About memory, and more specifically memory by space. Imagine how we could improve memory in interactive virtual spaces. By Kei Kreutler.
If you can’t get enough of these and want more, you can hang on to the firehose, the extended version of Petervan’s Delicacies in REVUE with loads of videos. Subscribe here: https://www.getrevue.co/profile/petervan
Some years ago, I discovered the magical art world of Flemish artist Nick Ervinck.
I subscribed to his newsletter and was inspired by his ongoing progress.
If you want to get a good sense of what drives Nick and what his artwork is all about, here is a great video:
Nick has a church (The Dutch word for church is “kerk”).
Nick’s church is branded “K.E.R.K.” standing for Kunsthalle ERvickK” and is located in the tiny village of Sint-Pieters-Kapelle, a township part of Middelkerke, a mall town at the Belgian North Sea coast.
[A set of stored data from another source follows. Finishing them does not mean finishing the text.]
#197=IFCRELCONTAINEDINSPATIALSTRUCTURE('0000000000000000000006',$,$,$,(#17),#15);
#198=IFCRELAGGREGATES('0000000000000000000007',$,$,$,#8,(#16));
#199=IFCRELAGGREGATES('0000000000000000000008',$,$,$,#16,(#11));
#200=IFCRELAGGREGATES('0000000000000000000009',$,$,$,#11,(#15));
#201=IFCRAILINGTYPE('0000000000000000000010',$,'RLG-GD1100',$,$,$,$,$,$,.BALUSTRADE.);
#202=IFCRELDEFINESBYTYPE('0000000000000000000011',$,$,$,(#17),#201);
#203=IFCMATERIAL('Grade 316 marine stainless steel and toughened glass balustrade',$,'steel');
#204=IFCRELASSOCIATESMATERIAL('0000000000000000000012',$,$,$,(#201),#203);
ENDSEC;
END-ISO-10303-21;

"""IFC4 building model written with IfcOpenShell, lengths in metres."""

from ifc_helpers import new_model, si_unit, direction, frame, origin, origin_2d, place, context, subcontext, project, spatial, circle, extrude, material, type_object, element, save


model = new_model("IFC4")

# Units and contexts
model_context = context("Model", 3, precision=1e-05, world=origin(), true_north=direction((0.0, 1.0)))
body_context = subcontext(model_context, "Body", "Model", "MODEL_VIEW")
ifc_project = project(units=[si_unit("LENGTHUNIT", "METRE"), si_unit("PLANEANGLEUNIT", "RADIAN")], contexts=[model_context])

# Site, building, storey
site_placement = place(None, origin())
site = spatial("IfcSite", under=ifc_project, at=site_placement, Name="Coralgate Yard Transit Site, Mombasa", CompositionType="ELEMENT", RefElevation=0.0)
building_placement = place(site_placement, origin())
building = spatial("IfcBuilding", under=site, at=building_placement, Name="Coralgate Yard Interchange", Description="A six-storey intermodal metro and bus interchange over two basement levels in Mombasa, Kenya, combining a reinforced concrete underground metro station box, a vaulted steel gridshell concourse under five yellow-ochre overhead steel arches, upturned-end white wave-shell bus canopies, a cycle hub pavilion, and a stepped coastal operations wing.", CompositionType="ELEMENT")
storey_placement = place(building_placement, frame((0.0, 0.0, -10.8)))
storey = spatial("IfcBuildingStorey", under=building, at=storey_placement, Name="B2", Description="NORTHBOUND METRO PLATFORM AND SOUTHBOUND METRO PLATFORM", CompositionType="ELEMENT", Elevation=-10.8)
Last summer, I combined a bike ride with a visit to K.E.R.K. on a very hot 10 July 2022. The exhibition “SKIN WORKS” displayed recent work by Nick Ervinck.
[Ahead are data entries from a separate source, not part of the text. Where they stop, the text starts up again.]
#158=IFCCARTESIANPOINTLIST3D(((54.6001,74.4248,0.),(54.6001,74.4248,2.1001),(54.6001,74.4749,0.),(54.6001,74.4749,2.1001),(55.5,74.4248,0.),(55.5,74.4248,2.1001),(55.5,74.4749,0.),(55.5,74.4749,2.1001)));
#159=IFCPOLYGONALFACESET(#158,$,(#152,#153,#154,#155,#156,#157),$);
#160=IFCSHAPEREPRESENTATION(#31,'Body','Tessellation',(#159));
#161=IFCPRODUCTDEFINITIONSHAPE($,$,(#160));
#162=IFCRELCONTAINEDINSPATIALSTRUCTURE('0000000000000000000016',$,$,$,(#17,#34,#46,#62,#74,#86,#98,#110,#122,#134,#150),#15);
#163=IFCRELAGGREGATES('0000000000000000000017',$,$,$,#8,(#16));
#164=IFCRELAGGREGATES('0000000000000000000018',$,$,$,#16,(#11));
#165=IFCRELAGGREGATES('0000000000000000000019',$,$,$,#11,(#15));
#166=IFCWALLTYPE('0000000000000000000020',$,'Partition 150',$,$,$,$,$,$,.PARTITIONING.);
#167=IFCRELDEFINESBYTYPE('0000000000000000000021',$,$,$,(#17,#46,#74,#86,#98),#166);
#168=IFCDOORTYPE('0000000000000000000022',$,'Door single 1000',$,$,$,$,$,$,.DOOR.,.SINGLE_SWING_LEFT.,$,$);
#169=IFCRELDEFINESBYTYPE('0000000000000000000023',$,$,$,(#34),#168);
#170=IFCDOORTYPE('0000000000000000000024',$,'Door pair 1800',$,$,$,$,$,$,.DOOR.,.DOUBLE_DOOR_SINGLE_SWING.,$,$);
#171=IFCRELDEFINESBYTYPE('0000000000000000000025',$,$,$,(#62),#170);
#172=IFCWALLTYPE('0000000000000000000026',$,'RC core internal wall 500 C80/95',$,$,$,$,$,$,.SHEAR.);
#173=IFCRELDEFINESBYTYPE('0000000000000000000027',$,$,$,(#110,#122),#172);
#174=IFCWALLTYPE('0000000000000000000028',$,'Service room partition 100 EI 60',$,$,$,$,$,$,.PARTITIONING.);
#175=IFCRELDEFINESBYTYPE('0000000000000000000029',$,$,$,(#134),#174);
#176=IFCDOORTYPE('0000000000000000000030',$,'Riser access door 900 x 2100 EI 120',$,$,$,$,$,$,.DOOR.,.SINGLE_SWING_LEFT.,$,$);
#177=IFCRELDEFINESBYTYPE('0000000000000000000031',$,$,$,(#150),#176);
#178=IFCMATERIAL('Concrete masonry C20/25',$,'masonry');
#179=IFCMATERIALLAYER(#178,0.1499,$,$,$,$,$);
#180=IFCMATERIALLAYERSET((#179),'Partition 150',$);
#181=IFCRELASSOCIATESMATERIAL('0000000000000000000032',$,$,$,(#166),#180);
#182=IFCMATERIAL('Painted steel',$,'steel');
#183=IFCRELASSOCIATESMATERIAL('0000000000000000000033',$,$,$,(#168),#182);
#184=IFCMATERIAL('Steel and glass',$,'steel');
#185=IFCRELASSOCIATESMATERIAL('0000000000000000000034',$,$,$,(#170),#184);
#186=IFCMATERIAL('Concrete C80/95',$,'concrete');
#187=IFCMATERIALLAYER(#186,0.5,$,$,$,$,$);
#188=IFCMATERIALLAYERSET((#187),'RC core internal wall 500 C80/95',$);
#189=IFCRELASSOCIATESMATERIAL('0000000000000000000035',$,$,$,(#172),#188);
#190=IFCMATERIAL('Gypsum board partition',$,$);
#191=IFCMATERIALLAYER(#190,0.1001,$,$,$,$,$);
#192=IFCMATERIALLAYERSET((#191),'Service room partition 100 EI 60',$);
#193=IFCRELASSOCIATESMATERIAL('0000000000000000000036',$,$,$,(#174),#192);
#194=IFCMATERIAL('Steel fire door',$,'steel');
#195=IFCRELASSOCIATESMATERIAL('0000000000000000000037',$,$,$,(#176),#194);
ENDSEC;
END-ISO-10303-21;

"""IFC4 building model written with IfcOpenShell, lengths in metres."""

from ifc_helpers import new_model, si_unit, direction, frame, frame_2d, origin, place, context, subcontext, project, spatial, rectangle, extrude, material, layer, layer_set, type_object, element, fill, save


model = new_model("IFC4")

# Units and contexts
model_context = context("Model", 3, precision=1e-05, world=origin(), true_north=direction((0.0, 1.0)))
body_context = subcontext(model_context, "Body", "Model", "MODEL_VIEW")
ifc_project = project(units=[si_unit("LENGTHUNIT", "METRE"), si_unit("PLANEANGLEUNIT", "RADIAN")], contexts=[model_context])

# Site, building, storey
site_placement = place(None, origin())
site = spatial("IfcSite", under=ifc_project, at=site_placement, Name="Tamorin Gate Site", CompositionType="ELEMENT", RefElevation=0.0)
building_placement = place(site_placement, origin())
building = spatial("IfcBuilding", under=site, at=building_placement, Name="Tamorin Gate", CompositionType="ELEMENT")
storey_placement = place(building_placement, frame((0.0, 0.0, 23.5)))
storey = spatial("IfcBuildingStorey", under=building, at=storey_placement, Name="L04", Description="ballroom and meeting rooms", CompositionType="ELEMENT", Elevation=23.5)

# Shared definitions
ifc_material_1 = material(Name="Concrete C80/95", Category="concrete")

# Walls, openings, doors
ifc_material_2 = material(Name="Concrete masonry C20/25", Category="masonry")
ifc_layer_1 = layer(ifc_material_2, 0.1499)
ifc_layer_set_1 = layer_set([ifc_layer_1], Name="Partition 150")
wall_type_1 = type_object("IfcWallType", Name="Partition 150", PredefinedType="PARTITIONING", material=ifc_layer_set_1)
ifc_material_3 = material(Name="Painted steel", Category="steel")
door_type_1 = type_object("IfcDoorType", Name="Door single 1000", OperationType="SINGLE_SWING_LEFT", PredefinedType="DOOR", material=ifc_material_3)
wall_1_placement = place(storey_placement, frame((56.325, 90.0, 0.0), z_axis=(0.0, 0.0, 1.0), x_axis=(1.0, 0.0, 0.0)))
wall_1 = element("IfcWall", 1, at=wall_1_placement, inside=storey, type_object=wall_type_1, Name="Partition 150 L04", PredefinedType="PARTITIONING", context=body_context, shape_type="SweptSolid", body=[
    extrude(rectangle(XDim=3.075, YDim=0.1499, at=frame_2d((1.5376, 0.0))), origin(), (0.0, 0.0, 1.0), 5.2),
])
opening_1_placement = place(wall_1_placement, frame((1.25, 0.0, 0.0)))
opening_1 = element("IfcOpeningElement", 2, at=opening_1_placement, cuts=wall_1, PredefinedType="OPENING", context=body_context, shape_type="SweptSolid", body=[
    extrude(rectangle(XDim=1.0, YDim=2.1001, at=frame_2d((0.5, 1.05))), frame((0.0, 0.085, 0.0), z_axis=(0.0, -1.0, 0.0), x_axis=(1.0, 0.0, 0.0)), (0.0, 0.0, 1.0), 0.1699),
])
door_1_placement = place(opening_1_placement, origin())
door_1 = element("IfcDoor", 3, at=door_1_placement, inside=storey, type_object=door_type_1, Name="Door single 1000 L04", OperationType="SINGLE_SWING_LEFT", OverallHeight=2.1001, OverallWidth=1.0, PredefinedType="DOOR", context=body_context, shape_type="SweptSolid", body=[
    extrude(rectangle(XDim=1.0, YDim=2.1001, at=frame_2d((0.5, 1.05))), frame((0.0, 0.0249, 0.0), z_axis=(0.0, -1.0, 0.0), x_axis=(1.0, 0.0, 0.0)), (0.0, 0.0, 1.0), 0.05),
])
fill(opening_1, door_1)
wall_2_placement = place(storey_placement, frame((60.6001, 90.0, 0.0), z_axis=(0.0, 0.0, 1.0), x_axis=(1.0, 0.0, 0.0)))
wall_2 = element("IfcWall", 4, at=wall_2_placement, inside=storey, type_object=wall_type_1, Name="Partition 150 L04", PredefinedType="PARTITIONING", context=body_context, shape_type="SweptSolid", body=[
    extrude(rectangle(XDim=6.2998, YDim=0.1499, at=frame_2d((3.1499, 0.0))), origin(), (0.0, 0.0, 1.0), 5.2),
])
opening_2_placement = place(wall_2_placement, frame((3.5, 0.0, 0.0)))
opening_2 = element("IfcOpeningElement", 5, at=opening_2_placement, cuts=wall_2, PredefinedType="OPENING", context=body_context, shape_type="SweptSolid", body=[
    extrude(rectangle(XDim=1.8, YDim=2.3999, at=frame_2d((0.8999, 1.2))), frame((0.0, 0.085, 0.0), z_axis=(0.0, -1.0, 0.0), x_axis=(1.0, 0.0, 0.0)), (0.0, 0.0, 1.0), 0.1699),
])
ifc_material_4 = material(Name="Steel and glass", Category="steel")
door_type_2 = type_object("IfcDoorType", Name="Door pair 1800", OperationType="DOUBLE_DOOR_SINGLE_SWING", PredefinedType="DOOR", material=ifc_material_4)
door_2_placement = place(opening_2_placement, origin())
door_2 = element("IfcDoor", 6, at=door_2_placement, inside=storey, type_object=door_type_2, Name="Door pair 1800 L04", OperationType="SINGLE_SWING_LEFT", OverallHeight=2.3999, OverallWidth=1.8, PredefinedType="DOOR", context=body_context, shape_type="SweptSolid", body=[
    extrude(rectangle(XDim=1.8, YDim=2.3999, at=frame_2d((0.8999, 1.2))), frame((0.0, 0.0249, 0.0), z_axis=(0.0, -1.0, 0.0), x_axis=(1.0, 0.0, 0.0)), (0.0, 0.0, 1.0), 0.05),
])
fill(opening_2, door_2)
I was impressed and inspired. I wanted to meet Nick one day, and if possible visit his studio. At the reception, there was a young student, and I asked whether the artist was present in the church. He was not, but she gave me a business card with his email address and phone number, suggesting that I would ask for a studio visit.
Here is the mail that I wrote to Nick:
Hello Nick,
I’ve been following you for a while and I’m a fan. Yesterday I visited K.E.R.K. (GNI-RI JUL2022 SKIN WORKS) and the friendly young woman at the entrance said it was possible to visit your studio.
I do a number of artistic experiments myself, and I recently hired Kurt Vanbelleghem to help me professionalize my practice. Besides the art, I work on a project “The Scaffold”, where I bring artists, entrepreneurs, and engineers together in residencies for corporate clients.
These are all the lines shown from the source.